About • Installation • How To Extract Video Embeddings • How To Train • How To Evaluate • Credits • License
VAT-SS is Andrey-Vera-Teasgen-SpeechSeparation models family. This repository allows user to train and evaluate mentioned in report SS models.
Pay attention that in all configs base model is state-of-the-art DPTN-AV-repack-by-teasgen, but you may use other SS models reported in the paper additionally (take a look at other configs)
Follow these steps to install the project:
-
(Optional) Create and activate new environment using
conda
.# create env conda create -n project_env python=3.10 # activate env conda activate project_env
-
Install all required packages:
pip install -r requirements.txt
-
Install
pre-commit
:pre-commit install
This section is mandatory for running Train and Evaluation script for Audio-Video models. Preliminary video embeddings extraction is necessary for speed up forward time.

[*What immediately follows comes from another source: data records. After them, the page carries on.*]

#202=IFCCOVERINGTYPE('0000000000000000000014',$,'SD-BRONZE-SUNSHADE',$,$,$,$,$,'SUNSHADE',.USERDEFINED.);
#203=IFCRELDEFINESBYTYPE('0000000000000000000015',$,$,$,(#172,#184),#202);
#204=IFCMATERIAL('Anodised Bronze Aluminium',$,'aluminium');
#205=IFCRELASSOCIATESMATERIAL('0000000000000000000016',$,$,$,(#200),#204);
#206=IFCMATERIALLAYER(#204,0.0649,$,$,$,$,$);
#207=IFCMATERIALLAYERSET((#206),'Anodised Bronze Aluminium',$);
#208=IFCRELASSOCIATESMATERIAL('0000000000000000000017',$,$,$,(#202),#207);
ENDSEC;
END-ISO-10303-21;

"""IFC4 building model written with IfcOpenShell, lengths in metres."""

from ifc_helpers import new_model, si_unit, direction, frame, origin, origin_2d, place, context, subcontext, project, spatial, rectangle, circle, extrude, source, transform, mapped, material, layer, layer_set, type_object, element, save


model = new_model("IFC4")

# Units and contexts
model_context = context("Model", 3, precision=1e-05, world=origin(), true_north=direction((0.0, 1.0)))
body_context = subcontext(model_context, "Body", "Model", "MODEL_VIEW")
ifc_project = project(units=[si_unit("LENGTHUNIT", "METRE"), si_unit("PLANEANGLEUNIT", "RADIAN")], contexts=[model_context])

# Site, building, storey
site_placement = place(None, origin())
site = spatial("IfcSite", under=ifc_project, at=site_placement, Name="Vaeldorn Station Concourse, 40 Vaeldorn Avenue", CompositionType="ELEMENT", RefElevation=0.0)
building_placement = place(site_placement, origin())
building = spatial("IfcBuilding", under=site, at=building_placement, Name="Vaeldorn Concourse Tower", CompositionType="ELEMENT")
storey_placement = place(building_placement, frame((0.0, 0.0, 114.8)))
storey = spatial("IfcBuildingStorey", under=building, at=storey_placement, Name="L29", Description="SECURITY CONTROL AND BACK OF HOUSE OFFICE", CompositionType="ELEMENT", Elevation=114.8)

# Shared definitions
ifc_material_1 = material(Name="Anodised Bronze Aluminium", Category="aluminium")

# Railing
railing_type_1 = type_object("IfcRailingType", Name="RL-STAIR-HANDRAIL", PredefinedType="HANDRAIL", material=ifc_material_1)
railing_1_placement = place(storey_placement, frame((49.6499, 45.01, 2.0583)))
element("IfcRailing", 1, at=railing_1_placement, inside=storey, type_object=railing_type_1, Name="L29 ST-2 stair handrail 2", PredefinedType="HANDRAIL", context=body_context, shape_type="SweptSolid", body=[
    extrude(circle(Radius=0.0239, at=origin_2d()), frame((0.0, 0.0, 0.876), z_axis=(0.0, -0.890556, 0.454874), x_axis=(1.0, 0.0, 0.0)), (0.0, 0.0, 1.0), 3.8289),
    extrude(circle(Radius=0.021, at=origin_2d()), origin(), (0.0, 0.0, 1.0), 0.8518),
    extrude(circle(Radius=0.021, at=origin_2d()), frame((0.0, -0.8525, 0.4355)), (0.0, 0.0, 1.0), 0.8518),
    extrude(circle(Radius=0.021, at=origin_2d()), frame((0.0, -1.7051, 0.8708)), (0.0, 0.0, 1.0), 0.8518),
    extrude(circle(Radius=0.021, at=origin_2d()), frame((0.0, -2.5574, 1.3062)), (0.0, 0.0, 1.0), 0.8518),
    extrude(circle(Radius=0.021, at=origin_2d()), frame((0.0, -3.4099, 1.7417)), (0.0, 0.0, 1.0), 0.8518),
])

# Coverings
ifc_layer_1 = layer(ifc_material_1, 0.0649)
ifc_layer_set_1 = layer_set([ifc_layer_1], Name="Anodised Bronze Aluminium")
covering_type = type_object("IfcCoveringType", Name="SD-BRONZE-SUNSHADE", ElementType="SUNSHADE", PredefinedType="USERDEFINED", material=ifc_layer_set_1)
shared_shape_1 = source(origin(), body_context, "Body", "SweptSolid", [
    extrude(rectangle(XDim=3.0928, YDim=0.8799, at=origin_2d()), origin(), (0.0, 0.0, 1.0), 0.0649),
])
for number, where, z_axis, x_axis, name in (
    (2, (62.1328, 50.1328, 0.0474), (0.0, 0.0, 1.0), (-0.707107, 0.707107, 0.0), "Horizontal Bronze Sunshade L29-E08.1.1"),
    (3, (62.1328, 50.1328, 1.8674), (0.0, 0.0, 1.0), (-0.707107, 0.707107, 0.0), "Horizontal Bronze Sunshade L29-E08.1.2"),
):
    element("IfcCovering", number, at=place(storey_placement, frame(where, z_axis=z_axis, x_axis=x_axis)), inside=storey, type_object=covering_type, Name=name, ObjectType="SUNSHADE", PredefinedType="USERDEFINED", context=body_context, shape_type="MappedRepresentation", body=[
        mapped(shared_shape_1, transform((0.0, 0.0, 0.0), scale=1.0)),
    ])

bash download_lipreader.sh
python make_embeddings.py \
--cfg_path src/lipreader/configs/lrw_resnet18_mstcn.json \
--lipreader_path lrw_resnet18_mstcn_video.pth \
--mouths_dir mouths \
--embeds_dir embeddings
The embeddings will be saved to --embeds_dir
. Please set correct path to your directory in all Hydra configs at Datasets level
You should have single A100-80gb GPU to exactly reproduce training, otherwise please implement and use gradient accumulation
To train a model, run the following commands and register in WandB:
Two-steps training:
python3 train.py -cn dptn_wav_av.yaml dataloader.batch_size=16 writer.run_name=av_dptn_wav_av_v1_video_tanh_gate
Moreover, training logs are available in WandBs
- DPRNN & DPTN https://wandb.ai/teasgen/ss/overview
- ConvTasNet https://wandb.ai/verabuylova-nes/ss/overview
- VoiceFilter & RTFS https://wandb.ai/aapetukhov-new-economic-school/ss?nw=nwuseraapetukhov
Read How To Extract Video Embeddings section before
All generated texts will be saved into data/saved/inferenced/<dataset part>
directory with corresponing names. Download SOTA pretrained model using
wget --no-check-certificate 'https://docs.google.com/uc?export=download&id=1egOSgh3qaADxWpxd379nmhLrfZ-5xYEf' -O ./model.tar
tar xvf ./model.tar
To run inference and calculate metrics, provide custom dataset, change paths to WAVs and video embeddings in cmd arguments datasets.val.audio_dir
, datasets.val.embedding_dir
and run:
python3 inference.py -cn inference_dptn_av.yaml dataloader.batch_size=32 inferencer.from_pretrained=model_best.pth datasets.val.part=null datasets.val.audio_dir=<PATH_TO_WAVS> datasets.val.embedding_dir=<PATH_TO_EMBEDDINGS>
Set dataloader.batch_size not more than len(dataset)
In case you don't have GT please change device_tensors
in inference_dptn_av.yaml
config to device_tensors: ["mix_spectrogram", "mix", "s1_embedding", "s2_embedding"]
, following that metrics won't be calculated and only predictions will be saved.
Or via cmd arguments: inferencer.device_tensors="["mix_spectrogram","mix","s1_embedding","s2_embedding"]"
Use following command to run SiSNRi calculation on GT and predicted directories
export PYTHONPATH=./
python3 src/utils/eval_si_snri.py --predicts-dir <PATH_TO_PREDS> --gt-dir <PATH_TO_GTS>
<PATH_TO_PREDS> is directory containing predicts file in .pth format <PATH_TO_GTS> is directory containing s1, s2, mix dirs
To evaluate the computational performance of the model, run:
python3 profiler.py
Best model DPTN-AV-repack profiler results in Kaggle enviroment with P100 GPU:
Metric | Value |
---|---|
GFLOPs | 108.556458241 |
CUDA Memory | 14378.582016 |
Inference Time (Mean) | 0.09988968074321747 |
Inference Time (Std) | 0.04486224800348282 |
Number of Parameters | 40809590 |
This repository is based on a PyTorch Project Template.